3. En premier lieu, aux termes de l'article L. 423-22 du code de l'entrée et du séjour des étrangers et du droit d'asile : " Dans l'année qui suit son dix-huitième anniversaire ou s'il entre dans les prévisions de l'article L. 421-35, l'étranger qui a été confié au service de l'aide sociale à l'enfance au plus tard le jour de ses seize ans se voit délivrer une carte de séjour temporaire portant la mention " vie privée et familiale " d'une durée d'un an, sans que soit opposable la condition prévue à l'article L. 412-1. Cette carte est délivrée sous réserve du caractère réel et sérieux du suivi de la formation qui lui a été prescrite, de la nature des liens de l'étranger avec sa famille restée dans son pays d'origine et de l'avis de la structure d'accueil sur son insertion dans la société française. " Aux termes de l'article L. 412-5 du même code : " La circonstance que la présence d'un étranger en France constitue une menace pour l'ordre public fait obstacle à la délivrance et au renouvellement de la carte de séjour temporaire, de la carte de séjour pluriannuelle et de l'autorisation provisoire de séjour prévue aux articles L. 425-4 ou L. 425-10 ainsi qu'à la délivrance de la carte de résident et de la carte de résident portant la mention " résident longue durée - UE " ".

4. Lorsqu'il examine une demande de titre de séjour de plein droit portant la mention " vie privée et familiale ", présentée sur le fondement des dispositions citées au point précédent, le préfet vérifie tout d'abord que l'étranger est dans l'année qui suit son dix-huitième anniversaire ou entre dans les prévisions de l'article L. 421-35 du code de l'entrée et du séjour des étrangers et du droit d'asile, que sa présence en France ne constitue pas une menace pour l'ordre public et qu'il a été confié, depuis qu'il a atteint au plus l'âge de seize ans, au service de l'aide sociale à l'enfance.

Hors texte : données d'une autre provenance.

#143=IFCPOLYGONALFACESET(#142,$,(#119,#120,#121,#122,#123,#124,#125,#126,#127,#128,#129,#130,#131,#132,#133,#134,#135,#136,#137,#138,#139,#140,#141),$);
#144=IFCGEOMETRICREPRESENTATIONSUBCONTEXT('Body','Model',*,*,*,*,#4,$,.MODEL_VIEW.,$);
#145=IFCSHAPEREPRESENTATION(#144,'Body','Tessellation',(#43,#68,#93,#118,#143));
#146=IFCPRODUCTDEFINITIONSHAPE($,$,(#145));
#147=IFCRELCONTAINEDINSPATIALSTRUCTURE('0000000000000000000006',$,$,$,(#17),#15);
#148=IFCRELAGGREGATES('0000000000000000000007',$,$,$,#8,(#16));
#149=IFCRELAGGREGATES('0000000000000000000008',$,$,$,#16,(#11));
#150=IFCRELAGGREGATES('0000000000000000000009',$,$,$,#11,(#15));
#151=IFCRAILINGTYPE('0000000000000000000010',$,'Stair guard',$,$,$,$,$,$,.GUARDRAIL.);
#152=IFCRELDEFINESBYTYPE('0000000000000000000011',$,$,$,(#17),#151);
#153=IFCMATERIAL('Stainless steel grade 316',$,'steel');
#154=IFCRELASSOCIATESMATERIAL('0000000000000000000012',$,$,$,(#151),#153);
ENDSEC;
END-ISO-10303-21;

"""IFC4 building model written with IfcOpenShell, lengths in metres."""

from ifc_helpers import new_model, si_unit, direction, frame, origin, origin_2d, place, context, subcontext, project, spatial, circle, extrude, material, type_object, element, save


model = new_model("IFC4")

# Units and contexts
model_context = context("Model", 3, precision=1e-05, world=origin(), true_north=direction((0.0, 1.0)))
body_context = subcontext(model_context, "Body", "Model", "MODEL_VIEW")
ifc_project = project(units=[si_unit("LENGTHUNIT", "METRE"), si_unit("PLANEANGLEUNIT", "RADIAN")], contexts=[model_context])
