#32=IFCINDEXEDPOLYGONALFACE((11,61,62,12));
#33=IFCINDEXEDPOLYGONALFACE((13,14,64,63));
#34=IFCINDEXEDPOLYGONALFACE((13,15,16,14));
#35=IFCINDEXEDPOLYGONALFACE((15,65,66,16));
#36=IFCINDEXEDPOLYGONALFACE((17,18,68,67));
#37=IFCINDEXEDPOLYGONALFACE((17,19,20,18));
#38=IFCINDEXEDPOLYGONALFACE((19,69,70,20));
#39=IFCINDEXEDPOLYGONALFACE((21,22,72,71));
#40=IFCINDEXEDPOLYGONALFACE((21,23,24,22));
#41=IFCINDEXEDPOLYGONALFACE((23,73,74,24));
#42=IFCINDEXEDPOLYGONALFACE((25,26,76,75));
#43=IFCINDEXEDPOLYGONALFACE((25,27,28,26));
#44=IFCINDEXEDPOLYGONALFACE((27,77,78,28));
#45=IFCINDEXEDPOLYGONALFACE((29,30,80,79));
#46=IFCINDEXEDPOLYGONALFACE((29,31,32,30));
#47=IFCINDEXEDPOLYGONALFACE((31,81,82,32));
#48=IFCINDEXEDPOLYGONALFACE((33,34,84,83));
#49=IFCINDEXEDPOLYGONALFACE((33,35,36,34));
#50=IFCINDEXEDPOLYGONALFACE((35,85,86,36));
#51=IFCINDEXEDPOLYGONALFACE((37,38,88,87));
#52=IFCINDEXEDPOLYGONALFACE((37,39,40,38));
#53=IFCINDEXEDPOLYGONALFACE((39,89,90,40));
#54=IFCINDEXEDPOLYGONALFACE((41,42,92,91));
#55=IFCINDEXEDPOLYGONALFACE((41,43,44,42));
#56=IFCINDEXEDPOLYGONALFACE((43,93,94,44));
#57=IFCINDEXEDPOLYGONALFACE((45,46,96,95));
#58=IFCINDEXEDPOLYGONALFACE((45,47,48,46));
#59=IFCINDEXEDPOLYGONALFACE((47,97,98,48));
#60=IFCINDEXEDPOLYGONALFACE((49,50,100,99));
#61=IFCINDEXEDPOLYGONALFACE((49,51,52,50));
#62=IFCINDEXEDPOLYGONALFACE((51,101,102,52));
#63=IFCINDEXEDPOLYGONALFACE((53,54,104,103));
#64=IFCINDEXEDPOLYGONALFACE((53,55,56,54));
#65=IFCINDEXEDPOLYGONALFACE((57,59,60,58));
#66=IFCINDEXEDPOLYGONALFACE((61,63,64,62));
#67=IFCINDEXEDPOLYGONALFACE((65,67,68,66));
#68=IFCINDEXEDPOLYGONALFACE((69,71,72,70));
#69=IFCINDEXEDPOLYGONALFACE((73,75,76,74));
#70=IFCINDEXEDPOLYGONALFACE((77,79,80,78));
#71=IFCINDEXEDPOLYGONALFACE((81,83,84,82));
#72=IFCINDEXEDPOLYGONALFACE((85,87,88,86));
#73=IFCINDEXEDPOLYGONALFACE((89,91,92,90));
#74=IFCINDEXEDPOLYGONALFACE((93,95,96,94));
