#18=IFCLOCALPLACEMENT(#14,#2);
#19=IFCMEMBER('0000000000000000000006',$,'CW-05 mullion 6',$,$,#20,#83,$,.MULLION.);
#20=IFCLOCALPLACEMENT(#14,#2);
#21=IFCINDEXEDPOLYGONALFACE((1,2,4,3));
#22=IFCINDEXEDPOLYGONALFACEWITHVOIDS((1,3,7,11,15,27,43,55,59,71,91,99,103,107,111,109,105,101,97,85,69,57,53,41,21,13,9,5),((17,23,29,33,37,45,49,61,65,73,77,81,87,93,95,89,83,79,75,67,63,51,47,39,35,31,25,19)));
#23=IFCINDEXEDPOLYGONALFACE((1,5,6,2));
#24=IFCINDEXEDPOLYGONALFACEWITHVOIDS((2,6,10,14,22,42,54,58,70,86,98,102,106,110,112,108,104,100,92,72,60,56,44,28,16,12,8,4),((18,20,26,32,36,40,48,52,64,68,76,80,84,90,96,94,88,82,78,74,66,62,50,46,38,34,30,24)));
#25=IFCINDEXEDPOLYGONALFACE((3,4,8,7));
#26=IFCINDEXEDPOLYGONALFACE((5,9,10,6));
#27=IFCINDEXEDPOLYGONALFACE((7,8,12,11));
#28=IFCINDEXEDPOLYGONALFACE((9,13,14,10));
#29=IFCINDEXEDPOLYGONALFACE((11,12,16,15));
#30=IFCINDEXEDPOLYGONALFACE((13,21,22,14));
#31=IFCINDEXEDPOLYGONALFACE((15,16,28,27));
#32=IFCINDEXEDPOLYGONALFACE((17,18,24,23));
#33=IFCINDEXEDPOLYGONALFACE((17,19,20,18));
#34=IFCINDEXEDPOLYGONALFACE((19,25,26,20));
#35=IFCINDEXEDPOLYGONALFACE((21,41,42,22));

Si ces conditions sont remplies, il ne peut alors refuser la délivrance du titre qu'en raison de la situation de l'intéressé appréciée de façon globale au regard du caractère réel et sérieux du suivi de sa formation, de la nature de ses liens avec la famille restée dans le pays d'origine et de l'avis de la structure d'accueil sur son insertion dans la société française. Le juge de l'excès de pouvoir exerce sur cette appréciation un entier contrôle.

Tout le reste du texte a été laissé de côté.